この革新的なシステムが新形のラジアルマスターシリンダー19RCS CORSA CORTAにも採用されており、ライダーはブレーキングパフォーマンスを彼らのライディングスタイル、天候、路面コンディションに合わせて、まるでオーダーメイドのように調整する事が出来るのです。素晴らしい製品を提供するというブレンボのコミットメントが、1つで3つの異なるマスタシリンダーを実現することに繋がり、ブレーキングシステムのパフォーマンスを別次元へと昇華しました。18mmと20mmの支点-ピストン間の距離の調整に加えて、3段階のライディングモード(R、S、N)の調整によって合計で6つの異なるセッティングを使用することが出来ます。

MotoGPで使用されているソリューション

マスターシリンダーハウジングは5軸CAMテクノロジーによるアルミ鍛造からの削りだしです。超硬酸化処理による表面加工は、優れた耐摩耗性、可動部品間のフリクションの少なさから選ばれたものです。フローティングピストンとガスケットは、MotoGPで使用されているものと同一のパーツです。またブレーキシステムに使用されている継手なども同一のものとなります。なお、継手部分はマスターシリンダ内のフルードが滑らかに流れるように30°の角度が付けられています。
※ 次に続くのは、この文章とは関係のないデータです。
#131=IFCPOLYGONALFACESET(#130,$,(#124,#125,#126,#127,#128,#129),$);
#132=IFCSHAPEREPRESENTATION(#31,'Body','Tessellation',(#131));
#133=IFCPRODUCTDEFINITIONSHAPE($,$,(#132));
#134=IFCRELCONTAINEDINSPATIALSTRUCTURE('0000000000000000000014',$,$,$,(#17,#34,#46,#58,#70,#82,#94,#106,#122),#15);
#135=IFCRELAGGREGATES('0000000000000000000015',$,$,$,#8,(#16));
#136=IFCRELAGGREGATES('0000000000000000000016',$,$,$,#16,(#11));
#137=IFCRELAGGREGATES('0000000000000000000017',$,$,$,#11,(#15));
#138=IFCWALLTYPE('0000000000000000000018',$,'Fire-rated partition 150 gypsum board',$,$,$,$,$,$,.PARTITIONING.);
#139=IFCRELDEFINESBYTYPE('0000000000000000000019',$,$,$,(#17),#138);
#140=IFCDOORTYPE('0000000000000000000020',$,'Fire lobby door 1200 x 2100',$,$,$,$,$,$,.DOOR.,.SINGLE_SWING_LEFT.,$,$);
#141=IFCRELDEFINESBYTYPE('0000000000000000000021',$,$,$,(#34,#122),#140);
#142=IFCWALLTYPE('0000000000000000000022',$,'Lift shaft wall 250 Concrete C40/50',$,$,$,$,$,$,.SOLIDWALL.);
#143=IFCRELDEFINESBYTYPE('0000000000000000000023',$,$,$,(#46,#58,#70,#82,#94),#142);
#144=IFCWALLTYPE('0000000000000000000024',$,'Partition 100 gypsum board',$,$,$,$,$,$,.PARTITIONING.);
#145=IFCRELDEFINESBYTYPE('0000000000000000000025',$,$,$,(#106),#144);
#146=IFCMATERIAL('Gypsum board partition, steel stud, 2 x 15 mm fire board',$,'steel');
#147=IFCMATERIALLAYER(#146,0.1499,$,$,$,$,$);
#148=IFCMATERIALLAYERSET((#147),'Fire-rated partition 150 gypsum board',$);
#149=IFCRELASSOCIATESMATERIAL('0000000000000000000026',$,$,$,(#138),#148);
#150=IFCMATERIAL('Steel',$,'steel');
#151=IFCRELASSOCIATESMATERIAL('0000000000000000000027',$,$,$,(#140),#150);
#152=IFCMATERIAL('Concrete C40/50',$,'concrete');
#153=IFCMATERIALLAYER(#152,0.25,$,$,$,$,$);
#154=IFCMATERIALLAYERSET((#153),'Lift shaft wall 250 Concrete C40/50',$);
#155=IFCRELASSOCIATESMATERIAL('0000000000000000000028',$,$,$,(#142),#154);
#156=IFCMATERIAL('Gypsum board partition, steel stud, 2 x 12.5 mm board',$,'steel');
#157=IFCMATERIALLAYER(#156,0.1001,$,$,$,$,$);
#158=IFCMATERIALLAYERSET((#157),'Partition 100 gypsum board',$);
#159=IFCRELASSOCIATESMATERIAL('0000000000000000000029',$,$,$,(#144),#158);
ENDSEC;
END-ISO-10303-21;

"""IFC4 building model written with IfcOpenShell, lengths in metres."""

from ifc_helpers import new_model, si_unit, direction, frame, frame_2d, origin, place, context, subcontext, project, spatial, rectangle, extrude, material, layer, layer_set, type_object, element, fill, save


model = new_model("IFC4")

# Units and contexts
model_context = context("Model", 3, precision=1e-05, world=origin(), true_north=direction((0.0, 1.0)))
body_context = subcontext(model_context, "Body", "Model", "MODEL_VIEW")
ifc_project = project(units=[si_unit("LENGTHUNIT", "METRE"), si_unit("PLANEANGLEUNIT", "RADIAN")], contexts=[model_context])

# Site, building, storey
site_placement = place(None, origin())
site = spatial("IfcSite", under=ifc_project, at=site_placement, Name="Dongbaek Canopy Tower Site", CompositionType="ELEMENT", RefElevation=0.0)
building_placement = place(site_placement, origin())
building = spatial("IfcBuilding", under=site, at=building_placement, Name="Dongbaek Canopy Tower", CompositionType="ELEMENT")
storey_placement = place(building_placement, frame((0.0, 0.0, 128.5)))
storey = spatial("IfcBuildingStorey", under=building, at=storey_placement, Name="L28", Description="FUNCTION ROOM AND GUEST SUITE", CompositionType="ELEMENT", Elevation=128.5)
新形のラジアルマスターシリンダー19RCS CORSA CORTAの開発にあたっては、マスターシリンダーに使用されている全てのパーツに一貫性を保たせるためにデザインプロジェクトも開発プロジェクトの一貫として行われました。その結果として、新形のラジアルマスターシリンダー19RCS CORSA CORTAは、他とは異なり、ダイナミックで、スポーティーな外観を備えています。これはこのラジアルマスターシリンダーを装着するであろう車両のビジュアルアイデンティティーに完璧にマッチしています。

レバーアッセンブリーはRCSシステムをマスターシリンダーから取り外す事無く交換が可能です。そのため、ブレンボレーシングワークショップでマスターシリンダーアッセンブリーに施されたセッティングを変更することなく、交換が行なえます。

革新の子孫

ブレンボラジアルマスターシリンダーは、過去20年間に渡り革新的なブレーキングシステムであり続けてきました。元々はレースユースの中から生まれ、年月を経て、スーパースポーツやネイキッドバイクに引っ張りだこのソリューションとなりました。その製品の外観に関わらず、ラジアルマスターシリンダーはレースにおけるサラブレッドと言えるソリューションで、引き続きMotoGPで使用されているのです。

現在では、誰もが既存のブレーキングシステムをブレンボのラジアルマスターシリンダー各種製品に交換するだけで、劇的に自分のモーターサイクルのブレーキングパフォーマンスを改善させることが出来、ブレンボの数十年に及ぶブレーキングシステムにおける経験を体験することが出来るのです。